Now, you can go ahead and right-click on the DSV design area and select the Add/Remove Tables
option and select any tables or views you need to use. It might be a
good idea not to select everything you need initially, but to select
just one fact table and a few dimension tables so you can check the
relationships and arrange the tables clearly, then add more. It's all
too easy to end up with a DSV that looks like a plate of spaghetti and
is completely unreadable. Even though you don't actually need to add
every single relationship at this stage in order to build a cube, we
recommend that you do so, as the effort will pay off later when BIDS
uses these relationships to automatically populate properties such as
dimension-to-measure group relationships.
Creating multiple
diagrams within the DSV, maybe one for every fact table, will also help
you organize your tables more effectively. The Arrange Tables
right-click menu option is also invaluable.
Named Queries and Named
Calculations allow you to add the equivalent of views and derived
columns to your DSV, and this functionality was added to help cube
developers who needed to manipulate data in the relational database, but
didn't have the appropriate permissions to do so. However, if you have
the choice between, say, altering a table and a SQL Server Integration Services (SSIS)
package to fix a modeling problem or creating a Named Query, then we
recommend that you always choose the former one—only do work in the DSV
if you have no other choice. As we've already said several times, it
makes much more sense to keep all of your ETL work in your ETL tool, and
your relational modeling work in the relational database where it can
be shared, managed and tuned more effectively. Resist the temptation to
be lazy and don't just hack something in the DSV! One of the reasons why
we advocate the use of views on top of dimension and fact tables is
that they are as easy to alter as named queries and much easier to tune.
The SQL that Analysis Services generates during processing is
influenced heavily by what goes on in the DSV, and many processing
performance problems are the result of cube designers taking the easy
option early on in development.
If you make changes in your relational data source, those changes won't be reflected in your DSV until you click the Refresh Data Source View button or choose Refresh on the right-click menu.
Problems with TinyInt
Unfortunately, there's a bug in Analysis Services 2008 that causes a problem in the DSV when you use key columns of type TinyInt.

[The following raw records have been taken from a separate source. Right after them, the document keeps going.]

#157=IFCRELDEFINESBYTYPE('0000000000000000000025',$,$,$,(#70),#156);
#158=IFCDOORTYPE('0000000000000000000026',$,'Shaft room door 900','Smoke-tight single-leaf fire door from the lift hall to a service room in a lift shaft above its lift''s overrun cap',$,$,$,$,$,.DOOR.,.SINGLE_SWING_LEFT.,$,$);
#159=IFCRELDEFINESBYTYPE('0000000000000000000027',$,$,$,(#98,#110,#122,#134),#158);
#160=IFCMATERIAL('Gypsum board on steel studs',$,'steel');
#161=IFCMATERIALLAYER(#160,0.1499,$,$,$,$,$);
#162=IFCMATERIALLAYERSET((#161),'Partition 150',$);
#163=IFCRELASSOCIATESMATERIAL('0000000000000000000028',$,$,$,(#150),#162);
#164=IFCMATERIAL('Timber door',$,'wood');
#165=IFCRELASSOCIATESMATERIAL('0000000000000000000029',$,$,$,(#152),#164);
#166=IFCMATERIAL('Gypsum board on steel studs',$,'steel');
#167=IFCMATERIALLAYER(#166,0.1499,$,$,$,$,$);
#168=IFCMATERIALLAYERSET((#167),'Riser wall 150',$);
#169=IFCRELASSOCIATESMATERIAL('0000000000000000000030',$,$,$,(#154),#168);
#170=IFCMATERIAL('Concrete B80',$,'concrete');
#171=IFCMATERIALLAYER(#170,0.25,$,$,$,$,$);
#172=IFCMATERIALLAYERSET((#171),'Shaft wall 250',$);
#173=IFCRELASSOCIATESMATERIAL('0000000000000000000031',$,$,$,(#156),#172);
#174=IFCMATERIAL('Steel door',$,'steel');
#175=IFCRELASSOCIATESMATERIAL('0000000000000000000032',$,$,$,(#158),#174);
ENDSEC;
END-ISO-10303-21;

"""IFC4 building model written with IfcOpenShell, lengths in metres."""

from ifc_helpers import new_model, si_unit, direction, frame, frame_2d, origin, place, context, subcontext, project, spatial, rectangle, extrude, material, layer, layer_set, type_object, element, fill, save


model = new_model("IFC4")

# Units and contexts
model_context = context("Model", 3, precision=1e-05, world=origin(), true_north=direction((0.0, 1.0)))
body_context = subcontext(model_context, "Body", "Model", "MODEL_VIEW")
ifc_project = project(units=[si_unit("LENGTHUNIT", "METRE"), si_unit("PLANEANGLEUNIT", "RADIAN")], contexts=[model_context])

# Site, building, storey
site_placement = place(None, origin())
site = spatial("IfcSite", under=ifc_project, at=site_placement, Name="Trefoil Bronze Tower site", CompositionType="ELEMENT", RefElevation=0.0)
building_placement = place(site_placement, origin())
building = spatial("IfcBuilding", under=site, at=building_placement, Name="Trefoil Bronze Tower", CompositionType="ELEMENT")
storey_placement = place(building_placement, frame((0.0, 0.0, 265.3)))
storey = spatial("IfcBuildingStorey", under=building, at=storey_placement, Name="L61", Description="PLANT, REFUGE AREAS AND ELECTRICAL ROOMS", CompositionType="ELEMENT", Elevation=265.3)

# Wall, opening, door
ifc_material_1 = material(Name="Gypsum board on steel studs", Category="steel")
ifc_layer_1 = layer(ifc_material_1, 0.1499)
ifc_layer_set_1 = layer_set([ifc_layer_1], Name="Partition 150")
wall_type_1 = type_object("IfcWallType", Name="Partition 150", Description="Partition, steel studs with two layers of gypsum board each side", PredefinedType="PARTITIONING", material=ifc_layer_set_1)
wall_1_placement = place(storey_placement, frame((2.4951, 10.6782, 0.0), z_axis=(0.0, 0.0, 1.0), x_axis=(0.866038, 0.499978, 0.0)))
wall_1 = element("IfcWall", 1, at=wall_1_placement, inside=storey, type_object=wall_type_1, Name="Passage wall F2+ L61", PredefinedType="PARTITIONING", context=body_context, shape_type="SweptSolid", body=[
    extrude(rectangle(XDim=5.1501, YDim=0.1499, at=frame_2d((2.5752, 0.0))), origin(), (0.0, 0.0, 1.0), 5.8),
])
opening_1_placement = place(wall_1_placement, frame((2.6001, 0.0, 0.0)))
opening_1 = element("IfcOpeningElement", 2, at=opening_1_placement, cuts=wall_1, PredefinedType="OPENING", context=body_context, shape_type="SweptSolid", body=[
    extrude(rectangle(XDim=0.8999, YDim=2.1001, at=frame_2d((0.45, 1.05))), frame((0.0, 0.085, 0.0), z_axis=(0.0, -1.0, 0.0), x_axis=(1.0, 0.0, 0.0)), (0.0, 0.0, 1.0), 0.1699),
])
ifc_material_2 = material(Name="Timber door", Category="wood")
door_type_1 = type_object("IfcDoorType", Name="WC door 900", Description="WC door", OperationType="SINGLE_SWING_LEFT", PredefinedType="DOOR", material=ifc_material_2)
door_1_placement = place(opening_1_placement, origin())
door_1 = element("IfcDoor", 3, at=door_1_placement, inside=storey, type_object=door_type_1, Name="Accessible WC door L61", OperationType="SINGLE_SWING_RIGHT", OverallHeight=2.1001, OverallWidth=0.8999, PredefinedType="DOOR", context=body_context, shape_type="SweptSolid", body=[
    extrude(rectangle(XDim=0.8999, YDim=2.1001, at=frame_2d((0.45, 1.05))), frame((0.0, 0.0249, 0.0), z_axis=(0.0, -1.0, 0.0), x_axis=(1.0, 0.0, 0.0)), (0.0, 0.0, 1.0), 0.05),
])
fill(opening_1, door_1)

Since Analysis Services doesn't support this type natively, the DSV attempts to convert it to something else—a System.Byte for foreign keys to dimensions on the fact table and a System.Int32
for primary keys on dimension tables which have Identity set to true.
This in turn means you can no longer create joins between your fact
table and dimension table. To work around this, you need to create a
named query on top of your dimension table containing an expression that
explicitly casts your TinyInt column to a TinyInt (for example using an expression like cast(mytinyintcol as tinyint) ), which will make the DSV show the column as a System.Byte. It sounds crazy, but for some reason it works.